Henry Tiffany, the Virginia lawyer acquited Thursday of charges that he smuggled into Haiti almost a ton of marijuana in a small plane, flew here last night and said the State Department had not acted strongly enough in his behalf.
Looking weak and visibly shaken after his trial and two months in a Haitian prison, Tiffany, 43, stepped from his private plane at National Airport and said:
"I was given a very fair trial in Haiti . . . I think the State Department should have been more active."
Tiffany declined to elaborate about the State Department but, in a rambling monologue, he told reporters about his dissatisfaction with two Haitian attorneys recommended by the American consulate in the Port-au-Prince, the capital city.
State Department spokesman Mary Ann Bader told the Associated Press last night that the embassy in Haiti "is unaware of any request made by Mr. Tiffany for assistance to which it did not respond." She said embassy officers visited him regularly in prison.
Bader said the embassy did not recommend an attorney in Haiti but gave Tiffany a list of local attorneys.
Tiffany hired another Haitian attorney, Calixte Delatour, who accompanied him here. Tiffany praised him as "the bravest man in Haiti" for defending Tiffany in a trial that was telecast live and attract hundreds of onlookers to the cramped courtroom in Port-au-Prince.
"The case of Mr. Tiffany represents a moment in history of justice in Haiti," said Delatour, who was enroute to New York to visit relatives.
Tiffany and Jack Melcher, 44, both of whom are from Waynesboro, Va., were arrested Oct. 22 after their twinengine Beechcraft wa forced to land on a remote airstrip south of Port-au-Prince. Tiffany said yesterday that the two men were on their way to Curacao to take aerial photographs of real estate property when one of the engines stopped.
Although initially given a warm welcome by residents of the nearby village of Aquin, the two men were arrested the following day when military officials reported discovery of 68 bales of marijuana 200 feet from the plane.
Dirt samples scraped from Tiffany's plane were pronounced "marijuana" by the military officials who also thought a beef bouillon cube in the plane's survival kit was hashish, according to Frank Mika, a Washington attorney and friend to Tiffany.
"There were rumors that we were set up," Tiffany said yesterday. "but I don't know. It could have been a coincidence . . . I just walked into something"
In freeing the two men, Haitian Judge Theopile Jean-Francois decided that the small plane was incapable of carrying almost a ton of marijuana. Tiffany said that was "twice the volume" his plane could hold.

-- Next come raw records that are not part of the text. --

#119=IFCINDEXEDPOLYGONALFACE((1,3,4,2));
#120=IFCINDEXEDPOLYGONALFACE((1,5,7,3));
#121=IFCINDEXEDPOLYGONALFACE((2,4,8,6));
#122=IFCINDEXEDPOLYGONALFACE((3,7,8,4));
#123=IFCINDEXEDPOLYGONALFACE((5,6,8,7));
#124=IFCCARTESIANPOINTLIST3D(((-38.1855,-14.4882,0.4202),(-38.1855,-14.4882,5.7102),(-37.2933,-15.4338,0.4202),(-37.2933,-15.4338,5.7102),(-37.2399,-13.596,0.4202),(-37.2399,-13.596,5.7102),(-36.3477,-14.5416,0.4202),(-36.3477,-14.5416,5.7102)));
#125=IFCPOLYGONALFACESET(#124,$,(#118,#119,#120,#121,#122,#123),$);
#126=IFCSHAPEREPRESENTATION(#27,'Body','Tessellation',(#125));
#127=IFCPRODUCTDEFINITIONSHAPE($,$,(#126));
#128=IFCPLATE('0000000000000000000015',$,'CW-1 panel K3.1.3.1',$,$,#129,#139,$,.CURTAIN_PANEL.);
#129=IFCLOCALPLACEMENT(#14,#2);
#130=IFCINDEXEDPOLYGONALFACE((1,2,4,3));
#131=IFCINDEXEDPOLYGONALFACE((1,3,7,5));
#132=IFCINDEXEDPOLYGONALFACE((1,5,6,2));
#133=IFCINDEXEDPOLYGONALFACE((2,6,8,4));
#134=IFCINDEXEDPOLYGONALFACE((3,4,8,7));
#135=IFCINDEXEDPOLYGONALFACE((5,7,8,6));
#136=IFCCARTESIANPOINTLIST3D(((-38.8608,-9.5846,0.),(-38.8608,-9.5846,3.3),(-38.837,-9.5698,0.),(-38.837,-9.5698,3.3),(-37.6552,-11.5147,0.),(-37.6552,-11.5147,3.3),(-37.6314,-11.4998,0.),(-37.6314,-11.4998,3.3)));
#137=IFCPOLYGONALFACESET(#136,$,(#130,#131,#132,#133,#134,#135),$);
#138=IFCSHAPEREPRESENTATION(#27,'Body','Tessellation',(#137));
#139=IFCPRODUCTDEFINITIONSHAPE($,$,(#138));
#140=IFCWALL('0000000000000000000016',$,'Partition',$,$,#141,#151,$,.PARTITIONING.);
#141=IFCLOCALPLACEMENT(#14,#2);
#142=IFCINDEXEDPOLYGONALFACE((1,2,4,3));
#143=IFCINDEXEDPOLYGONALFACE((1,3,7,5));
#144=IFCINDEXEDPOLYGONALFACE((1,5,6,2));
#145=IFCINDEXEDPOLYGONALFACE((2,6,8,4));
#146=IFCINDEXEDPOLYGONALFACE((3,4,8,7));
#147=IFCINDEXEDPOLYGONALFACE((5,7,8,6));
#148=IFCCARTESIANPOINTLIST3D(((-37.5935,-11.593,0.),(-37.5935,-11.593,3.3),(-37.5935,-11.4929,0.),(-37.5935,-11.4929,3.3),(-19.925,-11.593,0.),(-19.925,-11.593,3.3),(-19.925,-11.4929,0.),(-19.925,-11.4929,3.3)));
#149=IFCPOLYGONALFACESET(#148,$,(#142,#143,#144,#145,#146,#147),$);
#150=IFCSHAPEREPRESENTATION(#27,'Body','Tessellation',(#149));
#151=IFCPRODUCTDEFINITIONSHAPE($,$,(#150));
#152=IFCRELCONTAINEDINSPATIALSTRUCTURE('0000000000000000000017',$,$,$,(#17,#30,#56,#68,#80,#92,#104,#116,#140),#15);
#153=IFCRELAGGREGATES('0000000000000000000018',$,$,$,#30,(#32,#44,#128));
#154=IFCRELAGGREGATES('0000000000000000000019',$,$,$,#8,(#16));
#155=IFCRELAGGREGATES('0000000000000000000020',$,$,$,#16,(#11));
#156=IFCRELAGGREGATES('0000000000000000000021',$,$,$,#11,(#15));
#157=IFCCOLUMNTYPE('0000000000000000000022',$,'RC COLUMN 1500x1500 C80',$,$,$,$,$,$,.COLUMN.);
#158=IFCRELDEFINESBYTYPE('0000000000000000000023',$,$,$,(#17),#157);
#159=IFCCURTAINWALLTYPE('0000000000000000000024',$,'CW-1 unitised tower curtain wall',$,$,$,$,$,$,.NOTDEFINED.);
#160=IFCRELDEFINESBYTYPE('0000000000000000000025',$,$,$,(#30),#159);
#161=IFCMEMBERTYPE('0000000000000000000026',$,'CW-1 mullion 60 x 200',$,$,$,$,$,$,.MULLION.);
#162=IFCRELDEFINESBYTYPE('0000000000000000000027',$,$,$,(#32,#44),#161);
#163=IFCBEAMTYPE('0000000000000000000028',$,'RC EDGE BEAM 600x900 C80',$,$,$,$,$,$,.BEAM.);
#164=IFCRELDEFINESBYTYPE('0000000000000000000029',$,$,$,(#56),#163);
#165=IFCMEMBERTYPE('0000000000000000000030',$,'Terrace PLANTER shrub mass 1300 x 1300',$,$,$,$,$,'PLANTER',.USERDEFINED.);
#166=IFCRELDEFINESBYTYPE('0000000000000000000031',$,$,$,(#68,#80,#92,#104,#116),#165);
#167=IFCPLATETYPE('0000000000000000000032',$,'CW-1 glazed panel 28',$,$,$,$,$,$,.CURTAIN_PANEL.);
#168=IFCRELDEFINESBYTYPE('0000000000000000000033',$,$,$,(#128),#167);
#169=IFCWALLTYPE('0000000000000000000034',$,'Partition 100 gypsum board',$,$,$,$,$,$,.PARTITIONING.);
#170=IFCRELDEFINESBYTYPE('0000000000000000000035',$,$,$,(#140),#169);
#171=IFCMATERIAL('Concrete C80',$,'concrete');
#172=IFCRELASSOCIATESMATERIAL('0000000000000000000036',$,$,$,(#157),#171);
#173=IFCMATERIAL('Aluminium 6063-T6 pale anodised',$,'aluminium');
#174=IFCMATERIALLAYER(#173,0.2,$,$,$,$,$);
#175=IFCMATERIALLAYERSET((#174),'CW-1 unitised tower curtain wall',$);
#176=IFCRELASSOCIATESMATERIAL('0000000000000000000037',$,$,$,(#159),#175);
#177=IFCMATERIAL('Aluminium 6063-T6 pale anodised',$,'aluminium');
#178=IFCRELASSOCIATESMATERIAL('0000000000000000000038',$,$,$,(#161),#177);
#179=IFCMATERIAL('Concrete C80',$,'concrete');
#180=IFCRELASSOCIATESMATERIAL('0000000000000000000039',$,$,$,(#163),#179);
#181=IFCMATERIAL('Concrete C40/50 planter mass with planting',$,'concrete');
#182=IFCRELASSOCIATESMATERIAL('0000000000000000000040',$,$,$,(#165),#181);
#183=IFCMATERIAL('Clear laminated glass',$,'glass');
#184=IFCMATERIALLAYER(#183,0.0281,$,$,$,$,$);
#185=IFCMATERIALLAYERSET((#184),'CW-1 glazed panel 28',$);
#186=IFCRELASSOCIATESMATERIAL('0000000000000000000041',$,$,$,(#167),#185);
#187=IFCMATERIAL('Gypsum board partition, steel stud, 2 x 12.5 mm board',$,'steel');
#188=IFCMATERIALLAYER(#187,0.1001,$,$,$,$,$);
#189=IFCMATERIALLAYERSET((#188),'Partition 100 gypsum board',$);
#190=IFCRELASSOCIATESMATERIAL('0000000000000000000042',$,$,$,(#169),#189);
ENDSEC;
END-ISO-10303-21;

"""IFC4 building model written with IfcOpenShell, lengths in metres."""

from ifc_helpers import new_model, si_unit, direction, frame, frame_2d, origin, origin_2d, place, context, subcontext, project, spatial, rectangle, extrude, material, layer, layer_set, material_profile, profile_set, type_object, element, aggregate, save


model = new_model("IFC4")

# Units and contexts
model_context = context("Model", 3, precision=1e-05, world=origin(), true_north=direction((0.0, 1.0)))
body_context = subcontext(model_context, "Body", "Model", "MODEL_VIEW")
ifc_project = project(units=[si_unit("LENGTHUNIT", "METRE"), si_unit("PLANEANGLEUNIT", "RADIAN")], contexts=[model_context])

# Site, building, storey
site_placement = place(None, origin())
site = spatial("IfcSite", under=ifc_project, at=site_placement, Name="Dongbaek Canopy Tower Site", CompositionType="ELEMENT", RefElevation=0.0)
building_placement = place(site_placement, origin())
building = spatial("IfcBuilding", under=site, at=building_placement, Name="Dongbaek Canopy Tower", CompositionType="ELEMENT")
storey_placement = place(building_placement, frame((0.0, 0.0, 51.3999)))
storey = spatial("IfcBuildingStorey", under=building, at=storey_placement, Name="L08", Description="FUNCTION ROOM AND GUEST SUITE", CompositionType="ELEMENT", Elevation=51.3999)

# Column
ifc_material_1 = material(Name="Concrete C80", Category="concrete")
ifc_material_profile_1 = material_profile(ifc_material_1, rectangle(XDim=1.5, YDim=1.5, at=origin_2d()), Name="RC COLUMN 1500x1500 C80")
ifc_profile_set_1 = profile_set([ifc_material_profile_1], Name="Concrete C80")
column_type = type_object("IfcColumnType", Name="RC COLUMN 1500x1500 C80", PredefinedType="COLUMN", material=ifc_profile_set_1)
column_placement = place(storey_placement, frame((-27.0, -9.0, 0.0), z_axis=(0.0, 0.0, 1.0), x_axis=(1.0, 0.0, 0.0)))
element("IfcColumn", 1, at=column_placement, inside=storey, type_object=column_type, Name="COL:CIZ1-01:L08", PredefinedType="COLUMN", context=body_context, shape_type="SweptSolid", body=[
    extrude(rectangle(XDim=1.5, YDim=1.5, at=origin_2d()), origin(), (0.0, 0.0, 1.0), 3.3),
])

Saying he was a man "who could not live an ordinary life," Tiffany said his first priority would be readjustment.
Although he said he has never smoked marijuana, the flamboyant lawyer and real estate developer said the ordeal convinced him that marijuana possession should be decriminalized. "I never even thought about marijuana before this happened," said Tiffany.
A father of three, Tiffany lost 35 pounds in prison and was treated for infections and ringworm-like condition on his chest.
He declined to comment on Haitian prison conditions yesterday but said he had not been subjected to physical violence. "Faith in myself" is what sustained him, he said.
Tiffany estimated that the twomonth ordeal had cost him $25,000 in airplane fares and hotel bills for him family and attorney Mika.
The Beechraft plane is being repaired and Tiffany said he will return to Haiti to fly it home.
"I have no anger and no hatred. Everything in life happens for a purpose," he said.